В первые дни после возвращения ко мне подходили многие люди и расспрашивали меня об Андрее Дмитриевиче. Я подробно отвечал. Я и сам до этого расспрашивал всех, кто ездил к Андрею Дмитриевичу. Меня интересовала любая подробность. Но я заметил, что люди, побывавшие в Горьком у Андрея Дмитриевича, предпочитали об этом не рассказывать. Из них приходилось буквально клещами вытягивать подробности. Побывав в Горьком, я понял, как мне казалось, причину такой немногословности. Тяжело было обо всем этом говорить. Но для себя решил, что надо обо всем рассказывать, как можно подробнее. Так и рассказывал. Михаил Львович Левин, давний друг и университетский товарищ Андрея Дмитриевича, пришел ко мне домой, и я ему все рассказал почти так же подробно, как это все здесь написано. В коридоре отдела подошел ко мне Борис Львович Альтшулер, физик-теоретик, уволенный с работы за свою правозащитную деятельность и уже несколько лет работавший дворником. На его исхудавшем лице горели глаза, а в глазах горел вопрос. Я ему все подробно рассказал. И другим, всем, кто интересовался, сообщал все, что знал. Но боюсь, что информация моя против воли получалась слишком оптимистической. Я не отдавал себе отчет в том, насколько трудна и тяжела была жизнь Андрея Дмитриевича и Елены Георгиевны в чужом городе, в полной изоляции от родных, близких, друзей и вообще от человеческих контактов. Я все это видел и про это говорил, когда меня расспрашивали, но до конца не прочувствовал. Сытый голодного не разумеет. Миша Левин сам сидел в свое время и лучше меня видел многое, о чем я ему рассказывал. Боря Альтшулер тоже мог многое увидеть такое, чего я не разглядел. Но сам я стал это лучше понимать лишь позднее. Главным для меня тогда было одно: Андрей Дмитриевич остался Андреем Дмитриевичем. А коль скоро это было так, то еще было на что надеяться.
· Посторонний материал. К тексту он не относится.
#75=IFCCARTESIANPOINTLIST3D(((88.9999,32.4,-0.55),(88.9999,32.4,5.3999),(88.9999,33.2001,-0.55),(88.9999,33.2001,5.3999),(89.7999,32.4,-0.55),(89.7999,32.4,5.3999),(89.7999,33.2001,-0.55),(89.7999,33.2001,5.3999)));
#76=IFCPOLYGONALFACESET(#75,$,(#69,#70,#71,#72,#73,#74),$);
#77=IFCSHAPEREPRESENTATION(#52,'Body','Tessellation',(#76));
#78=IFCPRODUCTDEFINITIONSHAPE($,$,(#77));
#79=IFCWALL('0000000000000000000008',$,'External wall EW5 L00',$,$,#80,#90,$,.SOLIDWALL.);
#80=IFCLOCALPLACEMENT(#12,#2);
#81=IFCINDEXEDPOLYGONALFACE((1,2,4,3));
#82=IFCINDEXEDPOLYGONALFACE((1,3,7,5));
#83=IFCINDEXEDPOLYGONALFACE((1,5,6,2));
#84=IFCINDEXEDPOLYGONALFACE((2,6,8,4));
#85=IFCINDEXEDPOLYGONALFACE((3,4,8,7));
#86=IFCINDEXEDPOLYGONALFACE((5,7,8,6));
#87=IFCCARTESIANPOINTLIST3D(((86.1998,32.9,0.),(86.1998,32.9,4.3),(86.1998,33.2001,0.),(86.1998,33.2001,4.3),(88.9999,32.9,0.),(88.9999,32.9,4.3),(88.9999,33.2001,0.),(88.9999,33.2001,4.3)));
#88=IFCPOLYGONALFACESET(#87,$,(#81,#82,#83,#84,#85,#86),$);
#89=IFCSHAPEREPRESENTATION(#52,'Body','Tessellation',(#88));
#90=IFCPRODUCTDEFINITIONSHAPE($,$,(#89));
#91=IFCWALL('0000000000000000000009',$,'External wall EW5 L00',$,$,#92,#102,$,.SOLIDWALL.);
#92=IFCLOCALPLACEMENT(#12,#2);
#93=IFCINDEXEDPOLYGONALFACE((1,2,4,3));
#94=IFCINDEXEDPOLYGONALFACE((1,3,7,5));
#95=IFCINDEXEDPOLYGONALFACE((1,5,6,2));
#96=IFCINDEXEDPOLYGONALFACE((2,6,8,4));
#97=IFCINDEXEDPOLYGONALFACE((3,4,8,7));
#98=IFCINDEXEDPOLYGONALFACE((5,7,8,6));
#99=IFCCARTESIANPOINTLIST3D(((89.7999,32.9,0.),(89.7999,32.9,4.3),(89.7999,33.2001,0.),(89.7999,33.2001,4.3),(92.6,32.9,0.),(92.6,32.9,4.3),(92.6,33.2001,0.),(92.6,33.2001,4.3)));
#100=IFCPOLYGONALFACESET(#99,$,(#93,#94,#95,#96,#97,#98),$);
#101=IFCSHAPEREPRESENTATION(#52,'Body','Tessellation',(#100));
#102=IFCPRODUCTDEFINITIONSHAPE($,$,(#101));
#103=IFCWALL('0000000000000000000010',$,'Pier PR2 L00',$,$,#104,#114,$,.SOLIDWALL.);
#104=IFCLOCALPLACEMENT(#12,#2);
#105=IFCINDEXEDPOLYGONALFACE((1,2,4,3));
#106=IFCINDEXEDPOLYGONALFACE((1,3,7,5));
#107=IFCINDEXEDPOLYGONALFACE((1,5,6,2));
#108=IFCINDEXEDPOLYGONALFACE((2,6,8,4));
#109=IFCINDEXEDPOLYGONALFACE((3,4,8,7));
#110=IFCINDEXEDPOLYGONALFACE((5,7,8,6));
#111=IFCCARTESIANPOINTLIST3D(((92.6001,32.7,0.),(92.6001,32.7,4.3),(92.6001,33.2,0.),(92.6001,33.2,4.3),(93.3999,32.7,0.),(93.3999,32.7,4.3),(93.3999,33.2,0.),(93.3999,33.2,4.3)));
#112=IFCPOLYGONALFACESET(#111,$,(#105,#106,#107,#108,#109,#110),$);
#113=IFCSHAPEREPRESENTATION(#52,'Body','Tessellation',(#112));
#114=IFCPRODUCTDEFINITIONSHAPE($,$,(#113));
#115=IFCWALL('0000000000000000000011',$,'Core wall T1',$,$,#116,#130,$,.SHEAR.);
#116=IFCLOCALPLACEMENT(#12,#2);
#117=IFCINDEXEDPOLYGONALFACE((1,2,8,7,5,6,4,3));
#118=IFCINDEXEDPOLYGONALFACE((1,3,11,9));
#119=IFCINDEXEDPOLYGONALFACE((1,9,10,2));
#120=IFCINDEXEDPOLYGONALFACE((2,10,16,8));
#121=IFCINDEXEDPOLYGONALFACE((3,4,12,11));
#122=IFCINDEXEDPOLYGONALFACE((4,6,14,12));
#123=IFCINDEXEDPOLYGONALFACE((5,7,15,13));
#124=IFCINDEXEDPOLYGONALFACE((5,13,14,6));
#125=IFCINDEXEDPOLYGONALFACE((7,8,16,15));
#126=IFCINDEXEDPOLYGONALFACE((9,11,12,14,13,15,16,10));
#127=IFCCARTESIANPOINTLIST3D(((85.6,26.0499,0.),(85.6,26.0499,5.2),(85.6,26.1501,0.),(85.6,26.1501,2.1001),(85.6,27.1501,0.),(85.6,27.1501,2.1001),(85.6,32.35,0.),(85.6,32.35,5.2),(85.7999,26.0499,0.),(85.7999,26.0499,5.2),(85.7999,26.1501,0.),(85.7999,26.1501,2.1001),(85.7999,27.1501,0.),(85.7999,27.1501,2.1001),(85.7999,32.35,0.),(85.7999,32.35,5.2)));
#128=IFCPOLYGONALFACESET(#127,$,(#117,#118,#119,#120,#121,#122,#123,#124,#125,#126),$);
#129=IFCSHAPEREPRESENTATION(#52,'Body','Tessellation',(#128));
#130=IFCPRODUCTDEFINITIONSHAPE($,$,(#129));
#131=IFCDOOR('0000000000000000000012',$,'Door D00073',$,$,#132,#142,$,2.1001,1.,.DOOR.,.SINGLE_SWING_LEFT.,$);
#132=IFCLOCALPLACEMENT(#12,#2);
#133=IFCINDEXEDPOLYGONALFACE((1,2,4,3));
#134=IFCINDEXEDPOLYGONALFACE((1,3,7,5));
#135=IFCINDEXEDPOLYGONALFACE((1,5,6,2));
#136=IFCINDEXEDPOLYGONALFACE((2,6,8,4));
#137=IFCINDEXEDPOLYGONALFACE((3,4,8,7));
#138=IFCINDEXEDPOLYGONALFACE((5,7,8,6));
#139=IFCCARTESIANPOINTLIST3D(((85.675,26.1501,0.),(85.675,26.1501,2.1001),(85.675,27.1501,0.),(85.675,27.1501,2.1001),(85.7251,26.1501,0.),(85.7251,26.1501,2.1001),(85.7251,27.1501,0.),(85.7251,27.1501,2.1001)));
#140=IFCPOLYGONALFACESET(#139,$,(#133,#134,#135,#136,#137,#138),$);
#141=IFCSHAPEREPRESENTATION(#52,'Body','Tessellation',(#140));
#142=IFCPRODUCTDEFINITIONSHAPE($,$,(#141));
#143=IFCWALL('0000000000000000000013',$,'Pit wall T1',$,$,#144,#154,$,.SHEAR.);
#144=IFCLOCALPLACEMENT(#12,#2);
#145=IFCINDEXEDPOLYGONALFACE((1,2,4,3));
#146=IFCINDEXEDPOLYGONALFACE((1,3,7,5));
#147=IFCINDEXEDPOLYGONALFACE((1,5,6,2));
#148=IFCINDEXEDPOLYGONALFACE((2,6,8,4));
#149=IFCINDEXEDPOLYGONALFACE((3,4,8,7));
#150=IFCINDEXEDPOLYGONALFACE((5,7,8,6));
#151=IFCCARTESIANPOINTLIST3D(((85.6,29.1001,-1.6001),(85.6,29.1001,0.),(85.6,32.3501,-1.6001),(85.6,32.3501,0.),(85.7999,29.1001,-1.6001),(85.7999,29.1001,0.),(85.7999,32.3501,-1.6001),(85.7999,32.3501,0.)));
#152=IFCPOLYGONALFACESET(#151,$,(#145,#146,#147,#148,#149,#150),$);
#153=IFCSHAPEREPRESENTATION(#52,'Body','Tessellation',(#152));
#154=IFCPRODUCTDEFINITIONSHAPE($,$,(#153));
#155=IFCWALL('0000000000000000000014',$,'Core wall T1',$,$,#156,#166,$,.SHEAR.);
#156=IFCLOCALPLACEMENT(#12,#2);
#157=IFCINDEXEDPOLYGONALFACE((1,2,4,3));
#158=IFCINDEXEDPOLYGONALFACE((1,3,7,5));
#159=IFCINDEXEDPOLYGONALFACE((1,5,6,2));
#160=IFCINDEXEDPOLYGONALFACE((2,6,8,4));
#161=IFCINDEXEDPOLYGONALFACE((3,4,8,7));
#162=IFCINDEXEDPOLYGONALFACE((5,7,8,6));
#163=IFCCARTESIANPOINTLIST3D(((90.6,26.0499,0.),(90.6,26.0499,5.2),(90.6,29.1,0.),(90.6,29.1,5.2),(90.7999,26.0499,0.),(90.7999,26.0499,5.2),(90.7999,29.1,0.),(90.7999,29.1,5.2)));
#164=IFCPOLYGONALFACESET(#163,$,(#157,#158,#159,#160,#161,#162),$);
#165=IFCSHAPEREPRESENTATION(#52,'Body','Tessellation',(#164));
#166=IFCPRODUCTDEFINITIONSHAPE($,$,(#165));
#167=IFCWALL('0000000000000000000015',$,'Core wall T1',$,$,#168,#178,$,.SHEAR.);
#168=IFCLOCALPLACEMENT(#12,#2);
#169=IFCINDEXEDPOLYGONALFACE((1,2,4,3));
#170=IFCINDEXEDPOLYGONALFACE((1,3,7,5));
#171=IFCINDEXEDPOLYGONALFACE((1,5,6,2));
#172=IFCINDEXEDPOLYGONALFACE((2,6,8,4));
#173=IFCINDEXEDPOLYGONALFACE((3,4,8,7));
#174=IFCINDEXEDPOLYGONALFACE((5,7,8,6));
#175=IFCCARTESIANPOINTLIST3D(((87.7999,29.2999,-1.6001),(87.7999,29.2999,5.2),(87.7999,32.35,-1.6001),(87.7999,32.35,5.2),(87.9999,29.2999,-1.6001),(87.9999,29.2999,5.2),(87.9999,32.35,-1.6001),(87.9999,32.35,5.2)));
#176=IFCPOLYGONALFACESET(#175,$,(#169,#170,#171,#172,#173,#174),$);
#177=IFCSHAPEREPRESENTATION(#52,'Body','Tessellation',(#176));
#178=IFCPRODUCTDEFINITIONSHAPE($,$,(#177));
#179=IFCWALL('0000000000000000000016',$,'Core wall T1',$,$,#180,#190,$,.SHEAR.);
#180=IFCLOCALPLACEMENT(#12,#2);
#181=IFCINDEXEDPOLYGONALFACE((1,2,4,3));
Шесть лет прошло с того дня, о котором я рассказал. За шесть лет я мог что-то забыть, о чем-то написать не так, как было на самом деле, а так, как мне представляется сегодня, шесть лет спустя. Когда я вернулся из Горького в ноябре 1984 г., я все подробно рассказал Наташе, моей жене. И теперь, записав свои воспоминания, я дал их прочесть Наташе, попросив ее посмотреть, не забыл ли я чего-то существенного и не расходится ли то, что я теперь написал, с тем, что я тогда рассказывал. Женская память надежнее.
Она прочла и сказала:
— Мне кажется, что в основном все согласуется. Но у тебя получилось нечто вроде спокойного деловитого повествования. А ведь, я помню, ты приехал из Горького совершенно убитый и потом долго ходил как в воду опущенный.
Может быть, Наташа права, и повествование мое может показаться спокойным и деловитым. Но если даже у читателя и возникает такое впечатление, то у меня, когда я вспоминал и записывал события того дня, снова болело сердце и снова подступало ко мне ощущение беды, несправедливости и безнадежности, сейчас как и тогда. Я решил не писать о своих переживаниях и об отношении к происходящему, а записать то, что было, и по возможности ничего не упустить, потому что, если речь идет о встрече с Сахаровым, даже о самой мимолетной встрече, то тут каждая подробность важна. А мои переживания, мое отношение к тому, что я видел и слышал — это читателю уже не так интересно, об этом, как говорится, надо писать в автобиографии.